The changer is held in equilibrium by the opposing tension of the strings and the lower return springs. The scissor is a compound lever that isolates these two opposing forces. The changer axle is in a fixed position but the two rivets move in a compound motion with the action of the scissor so the scissor is pivoting in three different places simultaneously.

The most important part is the little rounded cam nub on the top end of the lowering scissor (just above the lowest rivet). This is what determines whether the finger is raising, lowering or resting in equilibrium. It is always in contact with the back of the finger, either pushing it like the first pic and resisting the tension of the strings (to raise pitch), relaxing it like the second pic, resisting the tension of the return springs to allow string tension to pull it back (to lower pitch), or just sitting in the middle "open" position where string and spring tension are in equilibrium.

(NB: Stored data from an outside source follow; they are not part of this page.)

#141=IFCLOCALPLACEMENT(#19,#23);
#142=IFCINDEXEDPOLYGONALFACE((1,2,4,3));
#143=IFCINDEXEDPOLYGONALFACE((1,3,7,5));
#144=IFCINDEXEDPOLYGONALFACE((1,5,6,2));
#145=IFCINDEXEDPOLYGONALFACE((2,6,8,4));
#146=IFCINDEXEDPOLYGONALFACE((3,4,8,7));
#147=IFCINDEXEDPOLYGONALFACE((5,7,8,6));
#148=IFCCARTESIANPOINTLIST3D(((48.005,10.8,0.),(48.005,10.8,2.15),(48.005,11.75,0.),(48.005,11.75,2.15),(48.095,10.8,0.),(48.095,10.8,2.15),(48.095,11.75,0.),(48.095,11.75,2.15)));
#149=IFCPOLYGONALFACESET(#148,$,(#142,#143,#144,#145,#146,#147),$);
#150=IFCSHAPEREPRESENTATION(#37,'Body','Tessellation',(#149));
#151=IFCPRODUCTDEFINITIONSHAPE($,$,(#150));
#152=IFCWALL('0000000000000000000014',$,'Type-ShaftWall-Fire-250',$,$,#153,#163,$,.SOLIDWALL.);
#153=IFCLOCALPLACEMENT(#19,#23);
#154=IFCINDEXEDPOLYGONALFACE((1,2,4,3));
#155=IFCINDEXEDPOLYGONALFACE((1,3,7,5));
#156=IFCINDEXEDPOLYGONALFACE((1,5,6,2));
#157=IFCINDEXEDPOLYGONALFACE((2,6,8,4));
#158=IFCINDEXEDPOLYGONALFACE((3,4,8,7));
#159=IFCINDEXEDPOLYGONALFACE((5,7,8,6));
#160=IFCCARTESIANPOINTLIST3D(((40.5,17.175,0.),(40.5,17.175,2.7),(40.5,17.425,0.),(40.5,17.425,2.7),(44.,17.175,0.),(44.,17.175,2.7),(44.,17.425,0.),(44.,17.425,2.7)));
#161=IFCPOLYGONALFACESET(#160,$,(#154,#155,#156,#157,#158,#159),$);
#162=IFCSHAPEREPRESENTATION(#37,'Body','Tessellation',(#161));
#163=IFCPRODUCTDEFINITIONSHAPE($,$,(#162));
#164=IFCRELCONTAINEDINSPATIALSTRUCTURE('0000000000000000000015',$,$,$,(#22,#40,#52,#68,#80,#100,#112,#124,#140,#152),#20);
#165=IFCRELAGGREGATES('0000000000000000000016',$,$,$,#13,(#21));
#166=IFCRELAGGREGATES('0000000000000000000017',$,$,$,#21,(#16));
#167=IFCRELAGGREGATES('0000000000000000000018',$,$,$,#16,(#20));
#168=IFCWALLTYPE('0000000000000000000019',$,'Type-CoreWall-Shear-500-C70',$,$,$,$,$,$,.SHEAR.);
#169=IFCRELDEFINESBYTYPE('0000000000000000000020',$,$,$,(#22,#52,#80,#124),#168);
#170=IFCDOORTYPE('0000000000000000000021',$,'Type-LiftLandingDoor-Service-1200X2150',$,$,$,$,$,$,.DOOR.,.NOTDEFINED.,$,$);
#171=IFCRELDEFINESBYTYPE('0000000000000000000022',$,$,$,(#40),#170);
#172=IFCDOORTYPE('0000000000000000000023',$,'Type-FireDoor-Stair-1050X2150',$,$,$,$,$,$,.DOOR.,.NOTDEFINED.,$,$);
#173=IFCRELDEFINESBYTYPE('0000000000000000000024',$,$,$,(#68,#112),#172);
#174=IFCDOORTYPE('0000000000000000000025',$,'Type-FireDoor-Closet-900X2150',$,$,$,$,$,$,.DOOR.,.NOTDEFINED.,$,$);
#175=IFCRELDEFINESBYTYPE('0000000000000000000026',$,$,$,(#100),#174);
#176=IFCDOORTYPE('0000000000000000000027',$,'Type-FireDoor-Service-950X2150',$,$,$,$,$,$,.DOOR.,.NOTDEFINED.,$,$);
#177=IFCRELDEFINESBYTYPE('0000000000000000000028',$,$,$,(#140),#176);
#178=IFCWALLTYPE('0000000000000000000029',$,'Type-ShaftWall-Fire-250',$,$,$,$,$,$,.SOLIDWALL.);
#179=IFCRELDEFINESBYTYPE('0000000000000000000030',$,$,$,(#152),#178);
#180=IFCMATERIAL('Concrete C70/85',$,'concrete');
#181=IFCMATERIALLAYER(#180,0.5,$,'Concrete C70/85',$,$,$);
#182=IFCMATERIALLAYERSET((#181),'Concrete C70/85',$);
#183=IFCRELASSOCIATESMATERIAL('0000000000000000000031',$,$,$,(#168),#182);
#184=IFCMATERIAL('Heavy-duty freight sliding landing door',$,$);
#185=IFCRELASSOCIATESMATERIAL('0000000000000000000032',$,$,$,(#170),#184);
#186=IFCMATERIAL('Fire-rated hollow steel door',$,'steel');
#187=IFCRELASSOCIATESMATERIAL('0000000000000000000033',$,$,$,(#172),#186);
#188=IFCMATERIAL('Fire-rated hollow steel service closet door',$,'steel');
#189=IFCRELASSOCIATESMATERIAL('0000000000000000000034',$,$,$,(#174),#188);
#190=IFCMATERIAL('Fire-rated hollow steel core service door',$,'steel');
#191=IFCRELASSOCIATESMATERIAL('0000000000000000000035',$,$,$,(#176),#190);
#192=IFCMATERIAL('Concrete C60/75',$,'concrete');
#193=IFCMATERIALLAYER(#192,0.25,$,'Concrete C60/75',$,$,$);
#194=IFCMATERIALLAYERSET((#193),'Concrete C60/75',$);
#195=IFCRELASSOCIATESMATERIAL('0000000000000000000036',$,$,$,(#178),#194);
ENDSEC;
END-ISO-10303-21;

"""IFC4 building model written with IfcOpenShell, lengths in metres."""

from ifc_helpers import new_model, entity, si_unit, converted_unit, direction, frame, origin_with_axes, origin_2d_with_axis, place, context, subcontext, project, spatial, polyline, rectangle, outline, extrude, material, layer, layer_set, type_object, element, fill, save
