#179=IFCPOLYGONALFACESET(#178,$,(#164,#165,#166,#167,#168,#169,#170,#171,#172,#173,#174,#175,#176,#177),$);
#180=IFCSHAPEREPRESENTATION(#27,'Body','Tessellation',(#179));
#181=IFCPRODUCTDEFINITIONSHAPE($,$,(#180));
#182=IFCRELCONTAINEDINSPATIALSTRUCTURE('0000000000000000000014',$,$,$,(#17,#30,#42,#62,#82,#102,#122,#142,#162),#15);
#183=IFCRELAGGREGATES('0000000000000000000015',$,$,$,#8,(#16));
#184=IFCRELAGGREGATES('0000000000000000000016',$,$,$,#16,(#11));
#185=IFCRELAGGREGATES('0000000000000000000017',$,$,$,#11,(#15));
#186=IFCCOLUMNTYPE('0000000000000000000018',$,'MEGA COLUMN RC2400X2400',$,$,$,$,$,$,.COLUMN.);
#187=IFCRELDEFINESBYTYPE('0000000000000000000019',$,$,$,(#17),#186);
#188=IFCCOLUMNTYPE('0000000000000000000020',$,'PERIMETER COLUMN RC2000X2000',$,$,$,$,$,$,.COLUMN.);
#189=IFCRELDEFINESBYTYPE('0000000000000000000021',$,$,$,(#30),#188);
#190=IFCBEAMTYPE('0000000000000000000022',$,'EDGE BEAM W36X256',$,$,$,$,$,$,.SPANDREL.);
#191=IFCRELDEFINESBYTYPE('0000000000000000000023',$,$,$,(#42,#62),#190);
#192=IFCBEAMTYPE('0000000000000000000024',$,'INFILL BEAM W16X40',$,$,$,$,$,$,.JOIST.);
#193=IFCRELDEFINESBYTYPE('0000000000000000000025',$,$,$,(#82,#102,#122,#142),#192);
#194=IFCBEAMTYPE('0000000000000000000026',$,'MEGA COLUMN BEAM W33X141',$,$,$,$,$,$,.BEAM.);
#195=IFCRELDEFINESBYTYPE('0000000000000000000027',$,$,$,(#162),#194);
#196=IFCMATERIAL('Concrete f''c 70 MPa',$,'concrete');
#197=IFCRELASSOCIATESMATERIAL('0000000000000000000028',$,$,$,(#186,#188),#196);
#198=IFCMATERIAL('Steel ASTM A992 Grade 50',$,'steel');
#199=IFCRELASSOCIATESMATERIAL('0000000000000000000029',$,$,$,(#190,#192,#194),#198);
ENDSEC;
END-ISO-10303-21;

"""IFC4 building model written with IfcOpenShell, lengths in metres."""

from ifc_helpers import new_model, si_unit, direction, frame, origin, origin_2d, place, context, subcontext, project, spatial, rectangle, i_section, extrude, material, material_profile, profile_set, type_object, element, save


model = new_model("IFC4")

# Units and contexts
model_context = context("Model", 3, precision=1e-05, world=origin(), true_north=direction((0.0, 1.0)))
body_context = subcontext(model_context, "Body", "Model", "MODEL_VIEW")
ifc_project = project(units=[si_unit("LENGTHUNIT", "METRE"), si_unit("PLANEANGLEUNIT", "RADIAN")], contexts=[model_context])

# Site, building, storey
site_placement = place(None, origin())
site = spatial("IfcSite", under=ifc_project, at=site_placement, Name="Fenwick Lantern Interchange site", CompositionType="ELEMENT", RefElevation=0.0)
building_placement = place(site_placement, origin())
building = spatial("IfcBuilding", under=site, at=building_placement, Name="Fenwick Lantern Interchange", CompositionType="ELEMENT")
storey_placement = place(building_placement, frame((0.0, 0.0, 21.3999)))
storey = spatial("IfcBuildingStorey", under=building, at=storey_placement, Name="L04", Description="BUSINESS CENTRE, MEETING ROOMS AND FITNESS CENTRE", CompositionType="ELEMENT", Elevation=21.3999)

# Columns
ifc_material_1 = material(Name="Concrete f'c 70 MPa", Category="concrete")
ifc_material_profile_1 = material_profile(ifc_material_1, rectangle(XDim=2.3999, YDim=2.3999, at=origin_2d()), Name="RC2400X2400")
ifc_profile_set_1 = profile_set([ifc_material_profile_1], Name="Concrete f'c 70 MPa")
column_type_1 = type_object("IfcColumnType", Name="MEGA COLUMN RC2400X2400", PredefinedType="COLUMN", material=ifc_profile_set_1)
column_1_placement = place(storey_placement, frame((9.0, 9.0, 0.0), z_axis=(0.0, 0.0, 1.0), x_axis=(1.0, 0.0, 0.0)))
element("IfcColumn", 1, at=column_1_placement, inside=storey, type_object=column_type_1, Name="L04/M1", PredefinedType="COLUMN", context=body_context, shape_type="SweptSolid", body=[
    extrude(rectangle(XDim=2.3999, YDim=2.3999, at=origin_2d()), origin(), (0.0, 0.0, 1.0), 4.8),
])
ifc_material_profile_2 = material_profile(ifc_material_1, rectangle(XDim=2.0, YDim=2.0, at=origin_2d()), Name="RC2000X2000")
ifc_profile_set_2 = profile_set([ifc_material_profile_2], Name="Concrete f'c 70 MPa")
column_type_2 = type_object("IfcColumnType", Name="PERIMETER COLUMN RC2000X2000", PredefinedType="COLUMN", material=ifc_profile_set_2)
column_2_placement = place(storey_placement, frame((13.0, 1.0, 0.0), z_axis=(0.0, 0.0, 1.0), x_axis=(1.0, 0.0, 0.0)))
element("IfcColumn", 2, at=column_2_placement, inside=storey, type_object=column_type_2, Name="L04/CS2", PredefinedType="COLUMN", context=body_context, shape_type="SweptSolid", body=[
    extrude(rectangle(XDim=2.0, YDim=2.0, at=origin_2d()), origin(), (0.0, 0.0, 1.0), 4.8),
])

EDIT - I see Georg slipped a reply in while I was typing, but a slightly different way of explaining it. The same concept applies to either style of finger, the point of contact between the lower scissor and the actual finger is where the action is

[J R Rose]

Ian, That is the BEST EVER, J.R.

[Brint Hannay]

the point of contact between the lower scissor and the actual finger is where the action is

A potential Achilles heel of later model Sho-Buds is that the actual finger is made of relatively soft, porous pot metal, and therefore the rubbing at the contact point can, depending on the luck of the individual finger's composition, wear a substantial groove in the finger and make the lower function not work correctly.

Even without that added shortcoming, it would seem that minimizing friction at that point would be an optimal design goal.

Which makes me wonder why it isn't universal to put a roller bearing at that point. I know a few builders, either steel guitar companies or after-market ( I know John Coop made changer assemblies with such roller bearings ) do use them, or have used them.

Who else, other than Coop, uses the roller bearing at the critical contact point?

[Georg Sørtun]

Who else, other than Coop, uses the roller bearing at the critical contact point?

I think you'll find roller bearings there on the Infinity and the BenRom. Don't know about others.

[Jeff Metz Jr.]

I guess the top pic is what confuses me. It seems like the raise finger wouldn't move forward if its being pushed below the rivet. Maybe im missing it.

[Georg Sørtun]

The raise-scissor (raise-finger if you like) is - in the figure I used - "wrapped around" and rotates on the changer shaft, and it therefore doesn't matter where down along the length of the raise-scissor the pull-rod pulls on it since it will always pull below that shaft rotating point.
The "trick" is that it (the raise-scissor / raise-finger), when moving back, will pull on the lower-scissor (lower-finger) through the rivet point, thus make the top of the lower-scissor push the finger for a raise.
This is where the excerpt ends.